ファーウェイ「HI」に対抗、バイドゥも「apollo tech」で参入
東風汽車のオリジナル新エネルギー車(NEV)ブランド「嵐図(VOYAH)」のSUV(REEVとBEV)「FREE」のフルモデルチェンジに関する登録情報写真で、そのエンブレムに「apollo tech」が入っていることが確認された。「apollo tech」のエンブレムが確認されたのは初めて。当然バイドゥのものだ。この手法はファーウェイがすでに北汽集団のブランド「極狐(ARCFOX)」などで行っている「HI(Huawei Inside)」と共通。インテリジェント・ドライブ・ソリューションの導入で、テックによる競争が始まった。

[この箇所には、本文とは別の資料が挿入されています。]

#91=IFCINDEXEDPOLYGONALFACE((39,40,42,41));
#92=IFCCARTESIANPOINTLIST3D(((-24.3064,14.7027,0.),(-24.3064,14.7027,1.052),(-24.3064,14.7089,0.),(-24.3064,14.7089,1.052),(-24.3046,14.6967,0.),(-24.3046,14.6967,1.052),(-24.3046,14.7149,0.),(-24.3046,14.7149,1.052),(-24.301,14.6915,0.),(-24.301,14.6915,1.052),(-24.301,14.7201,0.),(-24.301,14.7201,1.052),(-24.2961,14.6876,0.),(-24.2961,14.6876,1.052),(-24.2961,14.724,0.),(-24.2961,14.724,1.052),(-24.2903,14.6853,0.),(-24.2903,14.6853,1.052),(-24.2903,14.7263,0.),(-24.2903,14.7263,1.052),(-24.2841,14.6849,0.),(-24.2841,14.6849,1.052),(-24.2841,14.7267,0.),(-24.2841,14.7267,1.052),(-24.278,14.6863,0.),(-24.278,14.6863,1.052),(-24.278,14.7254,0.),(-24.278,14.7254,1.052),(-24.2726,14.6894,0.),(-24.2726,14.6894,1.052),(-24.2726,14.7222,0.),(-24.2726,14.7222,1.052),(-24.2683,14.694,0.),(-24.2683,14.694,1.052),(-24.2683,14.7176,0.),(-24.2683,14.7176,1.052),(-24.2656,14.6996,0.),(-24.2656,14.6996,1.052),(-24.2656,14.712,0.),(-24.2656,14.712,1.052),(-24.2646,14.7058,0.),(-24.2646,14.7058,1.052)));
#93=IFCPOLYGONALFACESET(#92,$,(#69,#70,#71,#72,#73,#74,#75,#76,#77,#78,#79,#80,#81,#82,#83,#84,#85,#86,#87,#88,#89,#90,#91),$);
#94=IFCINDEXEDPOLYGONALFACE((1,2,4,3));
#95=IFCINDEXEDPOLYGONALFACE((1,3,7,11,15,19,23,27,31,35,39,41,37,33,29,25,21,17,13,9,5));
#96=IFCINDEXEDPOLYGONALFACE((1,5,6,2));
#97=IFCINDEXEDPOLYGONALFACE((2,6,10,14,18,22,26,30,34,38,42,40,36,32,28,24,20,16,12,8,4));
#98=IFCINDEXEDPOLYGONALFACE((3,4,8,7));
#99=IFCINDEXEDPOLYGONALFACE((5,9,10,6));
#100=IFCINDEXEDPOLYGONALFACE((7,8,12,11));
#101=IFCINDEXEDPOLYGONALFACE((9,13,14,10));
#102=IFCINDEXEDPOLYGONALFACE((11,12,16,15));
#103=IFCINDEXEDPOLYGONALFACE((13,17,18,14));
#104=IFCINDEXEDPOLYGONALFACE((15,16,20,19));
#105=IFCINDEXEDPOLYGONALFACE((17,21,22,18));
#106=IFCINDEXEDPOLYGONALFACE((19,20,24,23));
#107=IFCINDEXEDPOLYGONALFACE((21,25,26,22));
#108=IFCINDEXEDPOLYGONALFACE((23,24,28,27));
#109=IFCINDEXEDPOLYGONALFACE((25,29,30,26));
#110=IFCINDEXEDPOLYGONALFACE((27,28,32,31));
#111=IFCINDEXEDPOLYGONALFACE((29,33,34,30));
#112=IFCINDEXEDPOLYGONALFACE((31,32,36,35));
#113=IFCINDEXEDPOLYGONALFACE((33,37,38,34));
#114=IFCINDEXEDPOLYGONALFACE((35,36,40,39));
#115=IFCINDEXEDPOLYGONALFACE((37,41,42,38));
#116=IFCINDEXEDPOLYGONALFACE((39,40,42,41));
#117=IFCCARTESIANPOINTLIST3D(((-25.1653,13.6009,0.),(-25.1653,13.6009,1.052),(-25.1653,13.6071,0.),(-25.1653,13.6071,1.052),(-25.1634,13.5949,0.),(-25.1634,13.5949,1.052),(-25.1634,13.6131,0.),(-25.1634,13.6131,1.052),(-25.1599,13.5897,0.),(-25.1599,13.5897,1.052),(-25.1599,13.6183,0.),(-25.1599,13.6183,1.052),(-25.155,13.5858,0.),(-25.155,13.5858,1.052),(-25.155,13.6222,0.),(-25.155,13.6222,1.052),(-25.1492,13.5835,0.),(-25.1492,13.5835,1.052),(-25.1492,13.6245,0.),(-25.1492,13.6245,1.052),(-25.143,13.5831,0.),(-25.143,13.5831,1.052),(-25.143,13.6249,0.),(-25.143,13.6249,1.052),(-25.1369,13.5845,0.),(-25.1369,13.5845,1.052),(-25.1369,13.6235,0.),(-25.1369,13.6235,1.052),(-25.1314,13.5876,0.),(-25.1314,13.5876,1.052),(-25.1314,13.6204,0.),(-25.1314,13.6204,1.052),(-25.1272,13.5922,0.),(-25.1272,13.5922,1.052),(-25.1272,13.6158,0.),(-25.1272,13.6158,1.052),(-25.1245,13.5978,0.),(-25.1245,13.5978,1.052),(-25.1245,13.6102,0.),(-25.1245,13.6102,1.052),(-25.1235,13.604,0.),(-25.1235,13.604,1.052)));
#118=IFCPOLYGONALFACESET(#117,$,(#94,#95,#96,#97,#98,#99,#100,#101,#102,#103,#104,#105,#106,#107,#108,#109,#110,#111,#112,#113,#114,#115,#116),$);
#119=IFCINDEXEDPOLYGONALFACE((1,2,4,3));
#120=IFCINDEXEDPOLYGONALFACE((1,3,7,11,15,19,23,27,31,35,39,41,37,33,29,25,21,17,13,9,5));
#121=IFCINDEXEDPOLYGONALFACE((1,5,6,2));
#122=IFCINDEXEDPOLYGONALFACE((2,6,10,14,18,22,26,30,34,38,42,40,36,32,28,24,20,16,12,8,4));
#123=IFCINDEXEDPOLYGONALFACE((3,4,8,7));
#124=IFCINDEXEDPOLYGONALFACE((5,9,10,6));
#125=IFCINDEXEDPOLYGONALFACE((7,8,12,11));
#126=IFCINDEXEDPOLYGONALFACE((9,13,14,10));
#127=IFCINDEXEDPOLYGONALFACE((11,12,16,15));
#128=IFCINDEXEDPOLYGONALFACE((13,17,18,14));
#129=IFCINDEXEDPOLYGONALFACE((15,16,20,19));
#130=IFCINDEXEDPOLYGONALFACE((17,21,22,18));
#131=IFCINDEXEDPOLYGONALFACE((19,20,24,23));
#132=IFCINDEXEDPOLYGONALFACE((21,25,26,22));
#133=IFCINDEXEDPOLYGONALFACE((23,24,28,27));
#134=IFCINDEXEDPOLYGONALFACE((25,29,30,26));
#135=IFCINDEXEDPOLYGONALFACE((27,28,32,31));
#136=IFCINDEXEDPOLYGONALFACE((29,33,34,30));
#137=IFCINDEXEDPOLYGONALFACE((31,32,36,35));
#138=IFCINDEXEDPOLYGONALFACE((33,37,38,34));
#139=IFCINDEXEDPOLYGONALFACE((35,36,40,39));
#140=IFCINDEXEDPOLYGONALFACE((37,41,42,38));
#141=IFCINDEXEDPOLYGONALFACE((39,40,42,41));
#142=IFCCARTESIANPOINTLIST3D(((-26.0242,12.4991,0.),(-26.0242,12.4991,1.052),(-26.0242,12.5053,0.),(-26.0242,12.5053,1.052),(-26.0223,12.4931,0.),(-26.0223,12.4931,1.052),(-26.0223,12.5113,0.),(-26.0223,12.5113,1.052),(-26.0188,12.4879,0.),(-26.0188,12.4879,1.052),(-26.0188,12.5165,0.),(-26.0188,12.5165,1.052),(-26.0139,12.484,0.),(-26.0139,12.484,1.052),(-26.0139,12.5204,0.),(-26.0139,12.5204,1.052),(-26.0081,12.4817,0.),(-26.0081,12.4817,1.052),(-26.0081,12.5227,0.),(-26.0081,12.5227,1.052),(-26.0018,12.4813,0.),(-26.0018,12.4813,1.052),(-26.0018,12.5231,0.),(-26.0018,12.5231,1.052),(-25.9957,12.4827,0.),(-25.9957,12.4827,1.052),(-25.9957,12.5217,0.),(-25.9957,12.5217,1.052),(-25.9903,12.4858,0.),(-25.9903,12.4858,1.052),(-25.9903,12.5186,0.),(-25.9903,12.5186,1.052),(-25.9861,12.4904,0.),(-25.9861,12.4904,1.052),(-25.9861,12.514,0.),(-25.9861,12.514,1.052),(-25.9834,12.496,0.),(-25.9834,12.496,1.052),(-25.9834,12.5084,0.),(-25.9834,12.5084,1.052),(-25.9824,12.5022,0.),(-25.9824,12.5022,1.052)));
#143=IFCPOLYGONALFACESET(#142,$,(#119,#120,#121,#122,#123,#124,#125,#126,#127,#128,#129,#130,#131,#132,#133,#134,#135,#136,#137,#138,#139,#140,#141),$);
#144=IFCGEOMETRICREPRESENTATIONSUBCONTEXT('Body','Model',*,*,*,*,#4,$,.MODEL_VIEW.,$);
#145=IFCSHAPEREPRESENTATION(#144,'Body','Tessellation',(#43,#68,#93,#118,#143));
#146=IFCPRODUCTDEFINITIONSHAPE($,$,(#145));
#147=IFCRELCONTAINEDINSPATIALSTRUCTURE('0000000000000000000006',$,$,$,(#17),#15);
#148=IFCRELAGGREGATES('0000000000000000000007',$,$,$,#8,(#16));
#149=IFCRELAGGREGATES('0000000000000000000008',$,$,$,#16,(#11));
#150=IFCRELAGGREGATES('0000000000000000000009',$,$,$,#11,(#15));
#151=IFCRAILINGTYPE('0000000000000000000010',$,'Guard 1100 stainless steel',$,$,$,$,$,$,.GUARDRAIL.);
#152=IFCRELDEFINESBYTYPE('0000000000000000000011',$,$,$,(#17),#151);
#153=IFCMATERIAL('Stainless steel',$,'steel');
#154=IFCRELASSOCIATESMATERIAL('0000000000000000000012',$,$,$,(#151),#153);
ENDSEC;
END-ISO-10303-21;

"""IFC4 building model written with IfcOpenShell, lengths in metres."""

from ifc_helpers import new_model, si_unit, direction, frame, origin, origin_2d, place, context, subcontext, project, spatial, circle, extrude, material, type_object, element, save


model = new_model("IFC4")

バイドゥの自動車分野へのかかわりは大きく分けて三点、一点目は自動運転Apolloプラットフォームによるサービス「ラディッシュ・プレジャー」で各地で展開する自動運転タクシーや自動運転バスなど。一部では料金を徴収開始しているものの、事業としての規模は大きくないと思われる。

もう一つは吉利(Geely)との合弁による自動車製造・販売事業、集度(JIDU)。設立2年程度ですでに「ROBO-1」「ROBO-2」などのモデルを発表、「ROBO-1」の限定版の発売を始めているが、まだまだこれからの事業。

三つ目が、Apolloによる技術的な蓄積を他社に導入するインテリジェント・ドライブ・ソリューション事業。その観点で言えば、JIDUもすでにApollo技術をベースにしている、と明言しているが、その他にも自社も株主である新興の威馬(WM)、一汽集団系の海馬(HAIMA)などにこのソリューションを供給している。

今回初めて確認されたエンブレム「apollo tech」は明らかに第三点の延長線上にあり、それを拡大したものと考えられる。今までのバイドゥの展開から見ると、「apollo tech」にはApolloのナビゲーション・オートパイロット(ANP)、自動駐車(AVP)、高精度地図を内包するものだと考えられる。

バイドゥとしては、この「apollo tech」を早期に定着させたかったと思われるが、実践したWM、HAIMAが販売不発、WMに至っては経営危機に陥っている。JIDUのエンブレムでも「apollo tech」は今後使われるかもしれないが、自社に自社を掛け合わせただけでPR効果は薄い。今回VOYAHに採用されたことで、バイドゥの自動車分野における売り上げ増、「apollo tech」の定着に一定の効果が期待できそうだ。